Raina terlihat gugup ketika dirinya menaruh nampan yang berisi makanan di sebuah meja kecil sisi ranjang. Pria itu menatapnya tak berkedip. Mulai dari membuka pintu hingga memasuki kamar Evan menatap tajam.
"Makanlah, agar kesehatanmu cepat pulih," ucapnya pelan.
"Terima kasih."
Tidak ingin berlama-lama Raina segera beranjak, namun tertahan. Evan segera melepaskan pegangan pada lengan kecil Raina karena respon wanita yang berstatus sebagai istrinya terlihat tidak suka.
"Ma-maaf. Hm, kira-kira berapa usia kandunganmu?" Evan tak bisa lagi menutupi rasa penasarannya. Apa lagi setelah Bibi Martha mengatakan hubungannya dengan wanita hamil ini adalah suami istri. Ia merasa ada yang aneh, mengingat sang istri bersikap dingin padanya.

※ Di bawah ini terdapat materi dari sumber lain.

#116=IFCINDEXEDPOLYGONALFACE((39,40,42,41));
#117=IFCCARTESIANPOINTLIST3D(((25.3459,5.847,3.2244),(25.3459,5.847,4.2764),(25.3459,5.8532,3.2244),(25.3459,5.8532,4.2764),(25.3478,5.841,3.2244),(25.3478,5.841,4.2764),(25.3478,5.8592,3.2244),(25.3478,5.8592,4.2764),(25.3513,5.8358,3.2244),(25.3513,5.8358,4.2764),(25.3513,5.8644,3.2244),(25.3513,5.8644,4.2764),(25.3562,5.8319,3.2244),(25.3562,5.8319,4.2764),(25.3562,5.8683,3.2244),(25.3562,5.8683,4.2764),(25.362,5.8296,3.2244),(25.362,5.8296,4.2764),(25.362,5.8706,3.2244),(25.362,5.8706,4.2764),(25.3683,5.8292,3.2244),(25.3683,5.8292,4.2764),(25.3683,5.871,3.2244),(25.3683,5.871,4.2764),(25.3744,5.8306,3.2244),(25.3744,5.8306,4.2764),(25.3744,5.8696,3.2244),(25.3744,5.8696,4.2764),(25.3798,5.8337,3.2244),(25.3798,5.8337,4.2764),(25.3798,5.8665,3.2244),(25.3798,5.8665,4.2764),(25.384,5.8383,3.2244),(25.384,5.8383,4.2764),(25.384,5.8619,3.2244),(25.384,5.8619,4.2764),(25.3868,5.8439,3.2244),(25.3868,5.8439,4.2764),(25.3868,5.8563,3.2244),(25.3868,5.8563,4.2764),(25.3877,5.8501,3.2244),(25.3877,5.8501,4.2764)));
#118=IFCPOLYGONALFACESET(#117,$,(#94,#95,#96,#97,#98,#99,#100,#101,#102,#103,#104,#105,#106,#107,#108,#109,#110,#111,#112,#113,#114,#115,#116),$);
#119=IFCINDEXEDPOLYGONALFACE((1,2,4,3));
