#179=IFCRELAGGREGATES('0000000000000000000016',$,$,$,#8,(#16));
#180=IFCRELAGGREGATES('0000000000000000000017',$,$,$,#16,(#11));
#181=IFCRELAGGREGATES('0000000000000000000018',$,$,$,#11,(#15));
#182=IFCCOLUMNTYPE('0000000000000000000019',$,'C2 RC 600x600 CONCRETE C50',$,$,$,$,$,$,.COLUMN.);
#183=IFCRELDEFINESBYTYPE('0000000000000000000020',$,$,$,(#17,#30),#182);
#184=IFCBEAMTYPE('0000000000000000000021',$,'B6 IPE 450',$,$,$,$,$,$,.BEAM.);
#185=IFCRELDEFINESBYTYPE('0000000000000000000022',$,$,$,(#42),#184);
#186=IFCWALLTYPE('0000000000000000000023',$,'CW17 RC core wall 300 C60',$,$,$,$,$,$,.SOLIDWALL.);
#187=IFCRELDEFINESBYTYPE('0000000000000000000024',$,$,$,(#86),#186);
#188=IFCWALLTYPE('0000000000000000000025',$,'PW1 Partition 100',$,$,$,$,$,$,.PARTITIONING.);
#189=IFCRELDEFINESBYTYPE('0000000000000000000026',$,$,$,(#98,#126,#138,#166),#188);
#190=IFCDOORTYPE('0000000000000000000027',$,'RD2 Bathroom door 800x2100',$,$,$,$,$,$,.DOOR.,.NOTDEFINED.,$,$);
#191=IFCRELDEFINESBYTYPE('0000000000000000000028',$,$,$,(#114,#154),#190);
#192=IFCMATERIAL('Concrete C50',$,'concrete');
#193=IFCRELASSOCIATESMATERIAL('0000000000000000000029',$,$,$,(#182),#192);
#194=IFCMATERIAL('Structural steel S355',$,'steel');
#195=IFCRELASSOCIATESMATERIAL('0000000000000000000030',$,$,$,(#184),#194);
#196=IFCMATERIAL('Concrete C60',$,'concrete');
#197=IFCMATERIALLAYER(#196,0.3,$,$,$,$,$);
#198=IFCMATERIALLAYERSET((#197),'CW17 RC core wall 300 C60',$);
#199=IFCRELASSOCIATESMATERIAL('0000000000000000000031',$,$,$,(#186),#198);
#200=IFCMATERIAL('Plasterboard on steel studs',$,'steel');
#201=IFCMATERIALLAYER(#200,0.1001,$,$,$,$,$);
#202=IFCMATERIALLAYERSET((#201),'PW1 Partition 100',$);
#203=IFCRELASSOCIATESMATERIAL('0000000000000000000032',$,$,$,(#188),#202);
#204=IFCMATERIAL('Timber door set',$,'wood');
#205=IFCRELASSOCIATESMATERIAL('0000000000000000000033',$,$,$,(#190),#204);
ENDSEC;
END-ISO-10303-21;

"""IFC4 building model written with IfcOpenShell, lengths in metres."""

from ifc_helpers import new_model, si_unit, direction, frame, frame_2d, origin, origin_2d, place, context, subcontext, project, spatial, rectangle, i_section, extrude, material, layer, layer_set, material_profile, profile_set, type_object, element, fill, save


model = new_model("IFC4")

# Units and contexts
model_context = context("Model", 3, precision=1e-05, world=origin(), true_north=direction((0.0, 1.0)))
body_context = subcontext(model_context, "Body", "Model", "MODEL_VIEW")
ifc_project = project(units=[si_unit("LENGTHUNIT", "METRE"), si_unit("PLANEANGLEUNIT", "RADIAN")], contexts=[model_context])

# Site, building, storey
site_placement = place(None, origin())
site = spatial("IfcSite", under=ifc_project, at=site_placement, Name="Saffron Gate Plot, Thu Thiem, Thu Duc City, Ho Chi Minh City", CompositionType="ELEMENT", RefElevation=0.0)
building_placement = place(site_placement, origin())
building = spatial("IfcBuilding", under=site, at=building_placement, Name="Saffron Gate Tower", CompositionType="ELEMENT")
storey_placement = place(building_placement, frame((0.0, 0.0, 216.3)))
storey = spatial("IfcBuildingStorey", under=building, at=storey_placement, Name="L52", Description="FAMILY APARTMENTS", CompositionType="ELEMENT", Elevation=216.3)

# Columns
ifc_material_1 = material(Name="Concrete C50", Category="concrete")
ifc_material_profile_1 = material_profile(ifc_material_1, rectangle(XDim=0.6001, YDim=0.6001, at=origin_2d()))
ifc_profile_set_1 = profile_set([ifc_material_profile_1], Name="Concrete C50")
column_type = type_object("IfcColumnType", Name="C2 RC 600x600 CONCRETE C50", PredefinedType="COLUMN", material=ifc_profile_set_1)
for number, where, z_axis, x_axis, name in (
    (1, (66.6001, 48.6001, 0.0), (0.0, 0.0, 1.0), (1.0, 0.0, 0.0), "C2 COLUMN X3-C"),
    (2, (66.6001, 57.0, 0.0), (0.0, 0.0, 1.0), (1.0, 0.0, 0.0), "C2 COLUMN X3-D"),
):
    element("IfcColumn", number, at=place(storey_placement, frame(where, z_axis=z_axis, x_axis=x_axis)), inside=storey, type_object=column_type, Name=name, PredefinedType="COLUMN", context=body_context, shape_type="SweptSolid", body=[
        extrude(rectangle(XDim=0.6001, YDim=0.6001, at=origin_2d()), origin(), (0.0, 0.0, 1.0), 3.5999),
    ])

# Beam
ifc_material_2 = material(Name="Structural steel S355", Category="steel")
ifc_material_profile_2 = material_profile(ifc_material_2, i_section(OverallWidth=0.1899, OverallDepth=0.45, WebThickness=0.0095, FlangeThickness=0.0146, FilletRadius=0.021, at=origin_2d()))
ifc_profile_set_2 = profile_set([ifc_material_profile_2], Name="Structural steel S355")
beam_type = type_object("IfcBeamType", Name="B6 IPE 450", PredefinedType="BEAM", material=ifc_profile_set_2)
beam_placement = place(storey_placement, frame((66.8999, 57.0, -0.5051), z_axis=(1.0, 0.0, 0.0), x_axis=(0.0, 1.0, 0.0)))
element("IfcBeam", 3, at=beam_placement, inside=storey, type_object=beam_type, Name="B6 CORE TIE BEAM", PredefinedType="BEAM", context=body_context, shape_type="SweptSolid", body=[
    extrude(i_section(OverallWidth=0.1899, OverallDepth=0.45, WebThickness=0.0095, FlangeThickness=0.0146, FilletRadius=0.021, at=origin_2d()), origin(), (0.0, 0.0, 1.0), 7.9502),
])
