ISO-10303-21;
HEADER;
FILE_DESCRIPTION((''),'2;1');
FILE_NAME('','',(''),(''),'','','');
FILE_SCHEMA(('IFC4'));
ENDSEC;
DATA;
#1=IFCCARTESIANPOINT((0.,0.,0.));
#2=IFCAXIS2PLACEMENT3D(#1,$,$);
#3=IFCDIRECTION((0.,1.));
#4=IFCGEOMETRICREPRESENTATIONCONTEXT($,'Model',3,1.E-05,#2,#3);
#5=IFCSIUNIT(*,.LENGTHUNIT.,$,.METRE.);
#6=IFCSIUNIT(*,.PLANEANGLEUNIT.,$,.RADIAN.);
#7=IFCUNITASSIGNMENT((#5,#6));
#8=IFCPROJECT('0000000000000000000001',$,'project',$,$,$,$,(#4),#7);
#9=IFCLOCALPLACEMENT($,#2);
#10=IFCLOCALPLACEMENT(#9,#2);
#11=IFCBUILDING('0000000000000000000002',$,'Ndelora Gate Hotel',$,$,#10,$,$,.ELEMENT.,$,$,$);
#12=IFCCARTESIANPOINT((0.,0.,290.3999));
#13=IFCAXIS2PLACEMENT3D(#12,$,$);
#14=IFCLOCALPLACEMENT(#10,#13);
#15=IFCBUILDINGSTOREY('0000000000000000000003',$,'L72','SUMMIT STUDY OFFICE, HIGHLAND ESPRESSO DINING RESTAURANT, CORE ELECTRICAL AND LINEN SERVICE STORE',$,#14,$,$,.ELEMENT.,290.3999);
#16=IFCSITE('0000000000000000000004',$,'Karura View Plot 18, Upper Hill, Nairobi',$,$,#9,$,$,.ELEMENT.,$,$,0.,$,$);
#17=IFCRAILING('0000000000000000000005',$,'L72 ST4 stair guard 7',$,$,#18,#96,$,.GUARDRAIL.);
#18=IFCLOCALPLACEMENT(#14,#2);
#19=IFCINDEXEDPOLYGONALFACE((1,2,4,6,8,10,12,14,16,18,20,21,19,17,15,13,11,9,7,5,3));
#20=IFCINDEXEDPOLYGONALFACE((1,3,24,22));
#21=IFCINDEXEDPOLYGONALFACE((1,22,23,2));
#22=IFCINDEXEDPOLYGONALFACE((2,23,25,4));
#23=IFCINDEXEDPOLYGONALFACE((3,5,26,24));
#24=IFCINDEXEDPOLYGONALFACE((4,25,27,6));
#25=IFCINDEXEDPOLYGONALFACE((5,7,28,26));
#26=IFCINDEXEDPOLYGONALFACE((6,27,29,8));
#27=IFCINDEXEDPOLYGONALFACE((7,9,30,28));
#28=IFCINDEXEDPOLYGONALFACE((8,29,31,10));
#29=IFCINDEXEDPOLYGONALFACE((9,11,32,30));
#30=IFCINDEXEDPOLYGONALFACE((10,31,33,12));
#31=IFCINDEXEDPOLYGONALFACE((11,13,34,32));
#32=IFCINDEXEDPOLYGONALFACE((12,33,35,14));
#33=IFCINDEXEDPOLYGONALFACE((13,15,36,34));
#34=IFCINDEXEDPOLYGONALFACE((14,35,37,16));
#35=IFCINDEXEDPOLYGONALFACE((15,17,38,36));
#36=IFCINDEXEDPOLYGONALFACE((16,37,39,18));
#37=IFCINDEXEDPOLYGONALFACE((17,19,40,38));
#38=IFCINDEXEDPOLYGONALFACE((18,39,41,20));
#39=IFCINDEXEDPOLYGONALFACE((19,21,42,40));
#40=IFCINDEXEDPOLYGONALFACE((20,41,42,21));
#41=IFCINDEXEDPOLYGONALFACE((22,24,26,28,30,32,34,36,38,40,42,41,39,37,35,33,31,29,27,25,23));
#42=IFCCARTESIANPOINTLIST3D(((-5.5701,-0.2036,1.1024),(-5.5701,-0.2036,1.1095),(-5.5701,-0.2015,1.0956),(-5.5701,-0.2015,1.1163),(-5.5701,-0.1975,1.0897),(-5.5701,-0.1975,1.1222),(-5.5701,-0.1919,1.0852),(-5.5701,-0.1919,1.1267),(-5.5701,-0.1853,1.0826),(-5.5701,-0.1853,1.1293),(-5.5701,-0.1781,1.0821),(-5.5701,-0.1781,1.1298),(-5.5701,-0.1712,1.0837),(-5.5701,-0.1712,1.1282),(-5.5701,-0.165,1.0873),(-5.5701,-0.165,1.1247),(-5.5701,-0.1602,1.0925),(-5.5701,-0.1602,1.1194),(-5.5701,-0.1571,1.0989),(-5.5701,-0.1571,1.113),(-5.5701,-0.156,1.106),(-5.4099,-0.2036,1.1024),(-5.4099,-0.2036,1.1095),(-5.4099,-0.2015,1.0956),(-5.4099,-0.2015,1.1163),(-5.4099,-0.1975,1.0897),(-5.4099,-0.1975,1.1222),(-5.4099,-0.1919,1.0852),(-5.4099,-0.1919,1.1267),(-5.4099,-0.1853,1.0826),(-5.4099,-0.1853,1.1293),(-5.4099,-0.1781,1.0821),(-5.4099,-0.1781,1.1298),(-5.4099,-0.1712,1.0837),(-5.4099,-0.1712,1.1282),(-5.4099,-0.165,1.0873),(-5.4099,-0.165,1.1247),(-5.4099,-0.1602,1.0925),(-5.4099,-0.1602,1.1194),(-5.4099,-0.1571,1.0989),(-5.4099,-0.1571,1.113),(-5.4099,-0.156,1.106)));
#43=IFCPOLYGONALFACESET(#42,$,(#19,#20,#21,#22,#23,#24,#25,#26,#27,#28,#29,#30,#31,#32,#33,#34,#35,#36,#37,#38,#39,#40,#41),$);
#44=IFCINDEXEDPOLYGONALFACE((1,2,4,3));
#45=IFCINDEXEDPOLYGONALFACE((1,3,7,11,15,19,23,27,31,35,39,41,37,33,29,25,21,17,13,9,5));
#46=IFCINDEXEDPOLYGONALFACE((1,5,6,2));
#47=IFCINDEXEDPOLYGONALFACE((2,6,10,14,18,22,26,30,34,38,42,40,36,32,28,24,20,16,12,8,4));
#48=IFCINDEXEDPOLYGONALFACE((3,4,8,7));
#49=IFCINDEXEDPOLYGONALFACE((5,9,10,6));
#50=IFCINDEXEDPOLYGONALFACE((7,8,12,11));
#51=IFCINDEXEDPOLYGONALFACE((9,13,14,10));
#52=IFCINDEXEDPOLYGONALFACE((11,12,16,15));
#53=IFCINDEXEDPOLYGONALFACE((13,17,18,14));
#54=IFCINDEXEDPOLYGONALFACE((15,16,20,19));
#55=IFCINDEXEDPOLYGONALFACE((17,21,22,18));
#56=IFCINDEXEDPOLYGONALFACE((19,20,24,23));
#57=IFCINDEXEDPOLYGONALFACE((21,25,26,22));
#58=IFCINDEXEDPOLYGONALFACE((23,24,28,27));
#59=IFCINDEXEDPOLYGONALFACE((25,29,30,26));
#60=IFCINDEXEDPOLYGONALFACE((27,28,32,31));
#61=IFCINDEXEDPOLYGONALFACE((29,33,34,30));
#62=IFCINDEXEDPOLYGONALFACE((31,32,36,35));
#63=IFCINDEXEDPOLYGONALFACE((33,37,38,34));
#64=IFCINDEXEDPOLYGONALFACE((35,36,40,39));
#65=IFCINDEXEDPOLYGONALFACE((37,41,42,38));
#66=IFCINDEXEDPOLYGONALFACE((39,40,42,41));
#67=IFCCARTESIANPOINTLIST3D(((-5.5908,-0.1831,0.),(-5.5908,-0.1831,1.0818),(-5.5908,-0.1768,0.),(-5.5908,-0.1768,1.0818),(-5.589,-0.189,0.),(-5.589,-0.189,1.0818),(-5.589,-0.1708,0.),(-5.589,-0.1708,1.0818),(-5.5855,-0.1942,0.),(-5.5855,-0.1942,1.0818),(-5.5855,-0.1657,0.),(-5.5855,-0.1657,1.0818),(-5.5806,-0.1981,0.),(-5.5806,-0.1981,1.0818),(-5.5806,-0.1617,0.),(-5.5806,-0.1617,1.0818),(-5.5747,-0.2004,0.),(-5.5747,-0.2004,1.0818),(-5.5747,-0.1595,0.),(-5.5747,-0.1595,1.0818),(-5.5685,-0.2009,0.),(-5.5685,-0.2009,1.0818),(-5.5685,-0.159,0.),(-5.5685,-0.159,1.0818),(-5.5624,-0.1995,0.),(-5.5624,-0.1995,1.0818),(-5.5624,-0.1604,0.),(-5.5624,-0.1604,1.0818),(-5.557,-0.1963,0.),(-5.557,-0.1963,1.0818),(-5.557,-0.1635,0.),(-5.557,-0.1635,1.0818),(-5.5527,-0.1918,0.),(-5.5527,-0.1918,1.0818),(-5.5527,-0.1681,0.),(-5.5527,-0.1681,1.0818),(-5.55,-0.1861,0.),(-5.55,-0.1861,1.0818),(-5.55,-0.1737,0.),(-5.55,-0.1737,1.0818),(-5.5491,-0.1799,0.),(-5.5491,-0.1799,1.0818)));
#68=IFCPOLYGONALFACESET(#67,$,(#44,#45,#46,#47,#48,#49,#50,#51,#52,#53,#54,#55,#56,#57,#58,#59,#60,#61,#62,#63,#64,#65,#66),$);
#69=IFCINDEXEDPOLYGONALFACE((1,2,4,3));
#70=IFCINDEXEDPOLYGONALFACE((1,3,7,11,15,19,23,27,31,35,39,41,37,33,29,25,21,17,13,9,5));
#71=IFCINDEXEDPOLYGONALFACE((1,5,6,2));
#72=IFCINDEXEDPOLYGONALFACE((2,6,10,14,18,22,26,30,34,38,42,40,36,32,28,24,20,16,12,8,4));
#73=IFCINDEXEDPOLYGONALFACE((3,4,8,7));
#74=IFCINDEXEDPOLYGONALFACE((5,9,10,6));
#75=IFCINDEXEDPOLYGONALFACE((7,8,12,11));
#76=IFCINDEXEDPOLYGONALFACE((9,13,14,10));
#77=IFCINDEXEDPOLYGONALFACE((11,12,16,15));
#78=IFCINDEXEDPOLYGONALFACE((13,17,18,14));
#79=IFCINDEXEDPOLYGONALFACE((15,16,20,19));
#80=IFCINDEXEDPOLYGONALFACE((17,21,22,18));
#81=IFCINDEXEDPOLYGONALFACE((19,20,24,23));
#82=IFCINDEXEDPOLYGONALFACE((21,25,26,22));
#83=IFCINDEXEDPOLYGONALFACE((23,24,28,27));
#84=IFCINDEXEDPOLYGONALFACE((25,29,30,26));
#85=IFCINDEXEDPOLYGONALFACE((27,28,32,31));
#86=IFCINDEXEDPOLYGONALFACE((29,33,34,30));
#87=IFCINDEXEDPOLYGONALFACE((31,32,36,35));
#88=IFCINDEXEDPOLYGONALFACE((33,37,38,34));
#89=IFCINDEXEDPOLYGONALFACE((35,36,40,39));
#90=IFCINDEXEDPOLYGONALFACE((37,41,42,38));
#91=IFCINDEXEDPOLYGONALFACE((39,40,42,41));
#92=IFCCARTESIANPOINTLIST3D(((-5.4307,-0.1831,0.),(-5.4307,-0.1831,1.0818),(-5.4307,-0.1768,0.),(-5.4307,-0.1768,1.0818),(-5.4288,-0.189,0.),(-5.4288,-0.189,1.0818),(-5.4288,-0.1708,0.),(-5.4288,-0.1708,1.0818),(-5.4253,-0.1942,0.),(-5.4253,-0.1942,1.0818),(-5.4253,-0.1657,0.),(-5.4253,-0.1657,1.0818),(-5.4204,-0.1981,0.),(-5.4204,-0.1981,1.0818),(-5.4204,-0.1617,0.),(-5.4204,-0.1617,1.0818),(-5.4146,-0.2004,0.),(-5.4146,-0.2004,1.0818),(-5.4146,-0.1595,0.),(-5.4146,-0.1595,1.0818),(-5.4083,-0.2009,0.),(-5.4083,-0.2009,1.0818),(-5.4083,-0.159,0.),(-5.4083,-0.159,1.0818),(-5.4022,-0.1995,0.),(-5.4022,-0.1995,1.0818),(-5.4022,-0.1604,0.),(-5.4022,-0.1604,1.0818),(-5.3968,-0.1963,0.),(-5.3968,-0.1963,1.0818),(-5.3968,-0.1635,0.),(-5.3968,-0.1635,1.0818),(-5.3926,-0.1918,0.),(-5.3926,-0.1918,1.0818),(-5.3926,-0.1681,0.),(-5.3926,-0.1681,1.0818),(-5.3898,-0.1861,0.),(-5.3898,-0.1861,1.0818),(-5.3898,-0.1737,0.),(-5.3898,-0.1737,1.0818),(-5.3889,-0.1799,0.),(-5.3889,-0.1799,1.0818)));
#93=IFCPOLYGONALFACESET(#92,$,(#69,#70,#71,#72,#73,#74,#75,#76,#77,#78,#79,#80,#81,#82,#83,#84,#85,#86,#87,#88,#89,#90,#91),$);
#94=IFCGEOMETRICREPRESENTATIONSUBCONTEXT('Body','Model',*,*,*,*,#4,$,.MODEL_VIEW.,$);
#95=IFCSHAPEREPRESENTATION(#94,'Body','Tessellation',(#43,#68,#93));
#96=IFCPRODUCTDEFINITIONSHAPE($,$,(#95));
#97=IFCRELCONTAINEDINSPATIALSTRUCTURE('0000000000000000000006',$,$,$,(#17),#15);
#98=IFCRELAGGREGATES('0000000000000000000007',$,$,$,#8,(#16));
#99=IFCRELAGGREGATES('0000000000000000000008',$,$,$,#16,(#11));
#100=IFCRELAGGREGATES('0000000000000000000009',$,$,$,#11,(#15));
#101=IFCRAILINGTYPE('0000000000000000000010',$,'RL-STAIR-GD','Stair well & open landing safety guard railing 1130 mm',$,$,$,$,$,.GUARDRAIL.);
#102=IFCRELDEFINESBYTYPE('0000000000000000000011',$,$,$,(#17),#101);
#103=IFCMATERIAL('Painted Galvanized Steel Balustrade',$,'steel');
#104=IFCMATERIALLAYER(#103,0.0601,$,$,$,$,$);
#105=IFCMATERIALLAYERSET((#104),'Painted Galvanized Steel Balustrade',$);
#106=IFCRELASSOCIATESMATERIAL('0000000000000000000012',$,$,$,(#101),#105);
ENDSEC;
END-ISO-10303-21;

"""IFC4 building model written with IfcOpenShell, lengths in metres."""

from ifc_helpers import new_model, si_unit, direction, frame, origin, origin_2d, place, context, subcontext, project, spatial, circle, extrude, material, layer, layer_set, type_object, element, save


model = new_model("IFC4")

# Units and contexts
model_context = context("Model", 3, precision=1e-05, world=origin(), true_north=direction((0.0, 1.0)))
body_context = subcontext(model_context, "Body", "Model", "MODEL_VIEW")
ifc_project = project(units=[si_unit("LENGTHUNIT", "METRE"), si_unit("PLANEANGLEUNIT", "RADIAN")], contexts=[model_context])

# Site, building, storey
site_placement = place(None, origin())
site = spatial("IfcSite", under=ifc_project, at=site_placement, Name="Karura View Plot 18, Upper Hill, Nairobi", CompositionType="ELEMENT", RefElevation=0.0)
building_placement = place(site_placement, origin())
building = spatial("IfcBuilding", under=site, at=building_placement, Name="Ndelora Gate Hotel", CompositionType="ELEMENT")
storey_placement = place(building_placement, frame((0.0, 0.0, 290.3999)))
storey = spatial("IfcBuildingStorey", under=building, at=storey_placement, Name="L72", Description="SUMMIT STUDY OFFICE, HIGHLAND ESPRESSO DINING RESTAURANT, CORE ELECTRICAL AND LINEN SERVICE STORE", CompositionType="ELEMENT", Elevation=290.3999)

# Railing
ifc_material_1 = material(Name="Painted Galvanized Steel Balustrade", Category="steel")
ifc_layer_1 = layer(ifc_material_1, 0.0601)
ifc_layer_set_1 = layer_set([ifc_layer_1], Name="Painted Galvanized Steel Balustrade")
railing_type_1 = type_object("IfcRailingType", Name="RL-STAIR-GD", Description="Stair well & open landing safety guard railing 1130 mm", PredefinedType="GUARDRAIL", material=ifc_layer_set_1)
railing_1_placement = place(storey_placement, frame((-5.5701, -0.1799, 0.0)))
element("IfcRailing", 1, at=railing_1_placement, inside=storey, type_object=railing_type_1, Name="L72 ST4 stair guard 7", PredefinedType="GUARDRAIL", context=body_context, shape_type="SweptSolid", body=[
    extrude(circle(Radius=0.0239, at=origin_2d()), frame((0.0, 0.0, 1.106), z_axis=(1.0, 0.0, 0.0), x_axis=(0.0, 1.0, 0.0)), (0.0, 0.0, 1.0), 0.1602),
    extrude(circle(Radius=0.021, at=origin_2d()), origin(), (0.0, 0.0, 1.0), 1.0818),
    extrude(circle(Radius=0.021, at=origin_2d()), frame((0.1602, 0.0, 0.0)), (0.0, 0.0, 1.0), 1.0818),
])

save(model, "model.ifc")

"Menurut perhitunganku, bulan depan akan memasuki bulan ke tujuh." Raina tersenyum kecil sambil membelai perutnya.
Pria itu sedikit mengganjal dengan kalimat yang Raina ucapkan. "Perhitunganmu? Apa kau tidak pernah memeriksanya ke dokter?"
Mata Evan melebar mendapati anggukan ragu kepala istrinya. "Maaf, itu pasti karena aku yang tidak berada di sisimu saat awal-awal kehamilanmu. Sekali pun ada, saat ini aku hanya bisa merepotkanmu. Maaf," lirihnya.
Raina begitu tidak percaya dengan jawaban yang Evan berikan. Dugaannya benar, pria ini kini seolah berubah cover menjadi sosok yang perhatian. Namun ia menepis, semua ini hanya kepalsuan belaka karena adanya ketidaksadaran dari pria yang berada dihadapannya.
"Bukan begitu. Hanya saja aku memang malas mengecek kehamilanku karena memang aku tidak mengalami hal yang mencemaskan," ucap Raina.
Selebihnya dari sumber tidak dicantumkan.